Sipsworth’s symbolic importance begins to emerge in Chapter 10 as Helen speaks to the mouse, and he appears to answer back. Instead of fantasizing about her dead family members, as she has done for years, she has begun actively talking to the mouse. As the story goes on, the mouse symbolically takes the place of each member she lost; she compares him in turn to her son, her parents, and her husband. Until Sipsworth’s arrival into her life, Helen struggled with The Difficulty of Overcoming Grief. However, her interactions with the mouse mark the beginning of her journey toward connection and living in the present rather than dwelling on the past.

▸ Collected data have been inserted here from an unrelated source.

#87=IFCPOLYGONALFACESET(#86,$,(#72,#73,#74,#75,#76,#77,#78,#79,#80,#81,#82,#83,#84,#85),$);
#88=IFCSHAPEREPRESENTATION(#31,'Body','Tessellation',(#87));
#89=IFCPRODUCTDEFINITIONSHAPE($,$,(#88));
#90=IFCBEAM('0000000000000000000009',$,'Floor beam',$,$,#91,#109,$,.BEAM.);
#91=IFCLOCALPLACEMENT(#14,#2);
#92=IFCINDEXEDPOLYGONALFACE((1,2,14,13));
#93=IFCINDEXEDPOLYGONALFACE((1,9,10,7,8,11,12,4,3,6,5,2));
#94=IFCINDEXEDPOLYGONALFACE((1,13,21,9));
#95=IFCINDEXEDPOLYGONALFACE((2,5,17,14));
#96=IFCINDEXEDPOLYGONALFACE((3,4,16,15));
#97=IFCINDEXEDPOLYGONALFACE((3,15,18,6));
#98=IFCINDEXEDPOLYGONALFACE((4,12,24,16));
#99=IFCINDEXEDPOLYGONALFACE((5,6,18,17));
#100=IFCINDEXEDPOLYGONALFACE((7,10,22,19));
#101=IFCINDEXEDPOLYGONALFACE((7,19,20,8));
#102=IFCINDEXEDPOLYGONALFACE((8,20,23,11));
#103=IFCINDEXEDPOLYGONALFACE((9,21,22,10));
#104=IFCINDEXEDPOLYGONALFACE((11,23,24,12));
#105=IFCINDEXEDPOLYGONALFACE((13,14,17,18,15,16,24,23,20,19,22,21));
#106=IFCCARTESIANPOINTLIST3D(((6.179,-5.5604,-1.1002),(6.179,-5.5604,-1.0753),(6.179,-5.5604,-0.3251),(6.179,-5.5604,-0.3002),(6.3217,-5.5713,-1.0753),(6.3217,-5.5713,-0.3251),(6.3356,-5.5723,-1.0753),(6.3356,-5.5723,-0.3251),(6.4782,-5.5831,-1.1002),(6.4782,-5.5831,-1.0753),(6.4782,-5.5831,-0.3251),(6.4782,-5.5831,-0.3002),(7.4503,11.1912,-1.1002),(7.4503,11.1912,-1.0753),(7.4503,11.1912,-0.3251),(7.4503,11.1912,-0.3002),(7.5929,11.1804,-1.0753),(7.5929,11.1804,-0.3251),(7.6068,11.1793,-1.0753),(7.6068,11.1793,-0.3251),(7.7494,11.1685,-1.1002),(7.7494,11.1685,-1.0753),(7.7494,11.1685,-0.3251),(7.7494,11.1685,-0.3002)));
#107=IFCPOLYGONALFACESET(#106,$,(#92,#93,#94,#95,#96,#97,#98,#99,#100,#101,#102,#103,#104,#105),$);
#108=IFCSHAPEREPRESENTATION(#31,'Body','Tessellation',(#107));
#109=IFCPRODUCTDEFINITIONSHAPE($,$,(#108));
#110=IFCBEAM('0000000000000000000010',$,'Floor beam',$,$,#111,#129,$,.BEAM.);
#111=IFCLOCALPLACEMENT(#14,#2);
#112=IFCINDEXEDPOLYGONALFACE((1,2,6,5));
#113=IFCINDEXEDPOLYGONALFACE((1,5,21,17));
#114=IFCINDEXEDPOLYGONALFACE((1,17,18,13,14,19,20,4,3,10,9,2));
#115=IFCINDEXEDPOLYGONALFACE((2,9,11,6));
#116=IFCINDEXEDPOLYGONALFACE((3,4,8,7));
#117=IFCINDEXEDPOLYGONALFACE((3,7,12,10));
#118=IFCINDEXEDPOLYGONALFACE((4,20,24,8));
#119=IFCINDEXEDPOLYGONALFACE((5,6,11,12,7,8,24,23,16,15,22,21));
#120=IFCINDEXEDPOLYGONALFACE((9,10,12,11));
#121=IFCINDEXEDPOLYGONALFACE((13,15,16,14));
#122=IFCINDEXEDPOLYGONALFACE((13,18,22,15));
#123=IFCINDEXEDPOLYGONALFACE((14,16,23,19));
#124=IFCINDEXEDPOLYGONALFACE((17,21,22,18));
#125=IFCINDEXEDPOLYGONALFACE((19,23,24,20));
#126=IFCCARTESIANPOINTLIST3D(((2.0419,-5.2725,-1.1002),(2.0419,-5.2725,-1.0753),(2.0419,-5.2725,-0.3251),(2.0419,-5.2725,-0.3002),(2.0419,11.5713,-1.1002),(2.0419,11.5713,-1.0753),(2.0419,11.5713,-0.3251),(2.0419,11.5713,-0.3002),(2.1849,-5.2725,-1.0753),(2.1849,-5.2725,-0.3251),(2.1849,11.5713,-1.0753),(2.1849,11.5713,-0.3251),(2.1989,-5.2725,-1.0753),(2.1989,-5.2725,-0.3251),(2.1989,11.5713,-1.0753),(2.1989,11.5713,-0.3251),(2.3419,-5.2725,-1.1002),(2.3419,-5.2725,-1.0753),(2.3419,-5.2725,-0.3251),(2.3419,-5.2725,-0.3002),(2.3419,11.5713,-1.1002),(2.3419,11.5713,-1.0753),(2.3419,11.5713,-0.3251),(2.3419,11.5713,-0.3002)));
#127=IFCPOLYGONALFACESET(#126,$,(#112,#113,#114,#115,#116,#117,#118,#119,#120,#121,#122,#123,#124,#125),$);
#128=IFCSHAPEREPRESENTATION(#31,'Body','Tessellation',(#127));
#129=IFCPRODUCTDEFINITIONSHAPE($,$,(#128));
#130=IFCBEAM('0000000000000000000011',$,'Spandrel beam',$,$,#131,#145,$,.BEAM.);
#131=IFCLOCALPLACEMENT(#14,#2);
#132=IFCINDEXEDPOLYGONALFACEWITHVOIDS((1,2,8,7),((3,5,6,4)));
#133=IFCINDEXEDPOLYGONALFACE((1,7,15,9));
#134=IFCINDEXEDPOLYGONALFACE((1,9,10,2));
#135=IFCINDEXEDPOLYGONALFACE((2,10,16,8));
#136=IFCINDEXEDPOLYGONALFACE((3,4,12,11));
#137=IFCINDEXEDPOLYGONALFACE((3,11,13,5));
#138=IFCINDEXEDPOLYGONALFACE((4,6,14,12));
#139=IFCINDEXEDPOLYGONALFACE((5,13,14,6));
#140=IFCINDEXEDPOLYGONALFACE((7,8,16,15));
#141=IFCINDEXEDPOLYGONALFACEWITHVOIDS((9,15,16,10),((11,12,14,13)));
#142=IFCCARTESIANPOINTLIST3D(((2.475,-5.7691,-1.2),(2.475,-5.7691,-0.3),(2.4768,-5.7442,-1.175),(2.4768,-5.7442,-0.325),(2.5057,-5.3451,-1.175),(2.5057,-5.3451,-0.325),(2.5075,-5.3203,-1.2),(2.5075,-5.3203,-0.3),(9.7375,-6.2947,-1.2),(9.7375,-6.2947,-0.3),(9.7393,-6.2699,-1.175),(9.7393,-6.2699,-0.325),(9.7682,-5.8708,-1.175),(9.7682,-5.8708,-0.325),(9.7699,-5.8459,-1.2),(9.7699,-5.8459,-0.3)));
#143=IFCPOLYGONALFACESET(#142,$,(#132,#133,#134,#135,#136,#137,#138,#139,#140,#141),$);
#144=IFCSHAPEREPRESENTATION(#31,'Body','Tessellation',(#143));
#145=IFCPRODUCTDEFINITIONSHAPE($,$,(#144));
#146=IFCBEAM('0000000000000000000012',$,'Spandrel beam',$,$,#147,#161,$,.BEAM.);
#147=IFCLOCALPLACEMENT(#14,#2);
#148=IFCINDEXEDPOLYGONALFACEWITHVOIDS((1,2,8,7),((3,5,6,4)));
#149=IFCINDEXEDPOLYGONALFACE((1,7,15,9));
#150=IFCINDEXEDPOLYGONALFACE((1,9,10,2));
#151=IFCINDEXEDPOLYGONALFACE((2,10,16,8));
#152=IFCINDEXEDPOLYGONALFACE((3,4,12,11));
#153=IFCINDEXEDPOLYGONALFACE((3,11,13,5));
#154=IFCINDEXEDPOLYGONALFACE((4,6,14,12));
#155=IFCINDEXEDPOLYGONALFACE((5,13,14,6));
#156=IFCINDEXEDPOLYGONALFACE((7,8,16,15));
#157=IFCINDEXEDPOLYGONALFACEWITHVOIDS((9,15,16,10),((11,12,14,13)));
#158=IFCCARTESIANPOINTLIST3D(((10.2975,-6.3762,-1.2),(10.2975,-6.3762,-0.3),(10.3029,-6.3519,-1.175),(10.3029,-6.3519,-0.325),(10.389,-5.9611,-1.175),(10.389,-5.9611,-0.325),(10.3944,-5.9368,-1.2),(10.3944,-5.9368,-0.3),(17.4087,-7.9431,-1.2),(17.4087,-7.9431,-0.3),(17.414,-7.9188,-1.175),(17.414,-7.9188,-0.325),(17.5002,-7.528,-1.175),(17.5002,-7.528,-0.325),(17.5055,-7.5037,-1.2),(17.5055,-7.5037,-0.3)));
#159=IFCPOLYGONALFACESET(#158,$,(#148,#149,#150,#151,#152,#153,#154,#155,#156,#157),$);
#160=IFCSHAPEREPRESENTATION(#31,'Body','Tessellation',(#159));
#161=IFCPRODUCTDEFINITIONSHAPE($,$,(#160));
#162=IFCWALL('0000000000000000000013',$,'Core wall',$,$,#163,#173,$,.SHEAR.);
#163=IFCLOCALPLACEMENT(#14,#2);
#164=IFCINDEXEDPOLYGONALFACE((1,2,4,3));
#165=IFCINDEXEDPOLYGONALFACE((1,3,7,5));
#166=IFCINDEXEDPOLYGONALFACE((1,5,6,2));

This transformation is especially evident in Chapter 15 when Helen studies the mouse and decides he is a boy. From this point on, the mouse is no longer “it” to Helen, but “he”—a boy like her son David. By naming and gendering the mouse, Helen is unconsciously forming a bond with the creature. At the end of Chapter 15, Helen believes that Sipsworth looks at her with “something she has seen before, in the faces of those who now haunt her” (72): love. Despite her insistence on remaining detached, she has begun humanizing the mouse. For instance, she thinks that giving strawberries to the wildlife rescue worker will help the mouse make friends. Her anthropomorphism of Sipsworth adds humor, balancing the depth of her grief with lighthearted moments that are unexpected sources of comfort to her.
However, though she is forming a connection to the mouse in her home, Helen continues to embrace her anonymity in the town as she thinks of herself as invisible and refuses to take a taxi to avoid conversing with another person. Nevertheless, she has already begun Living in the Present Moment as she shops not only for herself but also for the mouse. This shift is especially significant since she can no longer hear the voices of Len, David, or her parents giving her advice in moments of indecision, gradually detaching herself from the past.
The theme of Finding God Through Love also emerges in these chapters. Helen first thinks of God in Chapter 10 when she sees the mouse pressing its paws under its chin like a supplicant. This prompts her to recall lines from a Wordsworth poem, “The Old Cumberland Beggar.” In the poem, the beggar of the title asks for alms “without offence to God,” urging readers to respect all living things. This moment signifies that Helen will find her way to faith through personal experiences with compassion and connection.
Helen’s realization in Chapter 16 that she can no longer wish for her death because she must care for the mouse marks a turning point. She reluctantly compares God to something “small and […] powerless, like the mouse in her sink” (74). This comparison reflects her struggle with faith. Due to her past trials, she cannot embrace the idea of a grand, omnipotent deity, but she begins to see grace and love in the fragile and the vulnerable. Water, a recurring motif in the novel, once again symbolizes an act of kindness as she offers life-giving water to Sipsworth. In turn, the mouse will become her unlikely teacher, rescuing her from her lack of faith and showing her that she has the capacity to live and love again.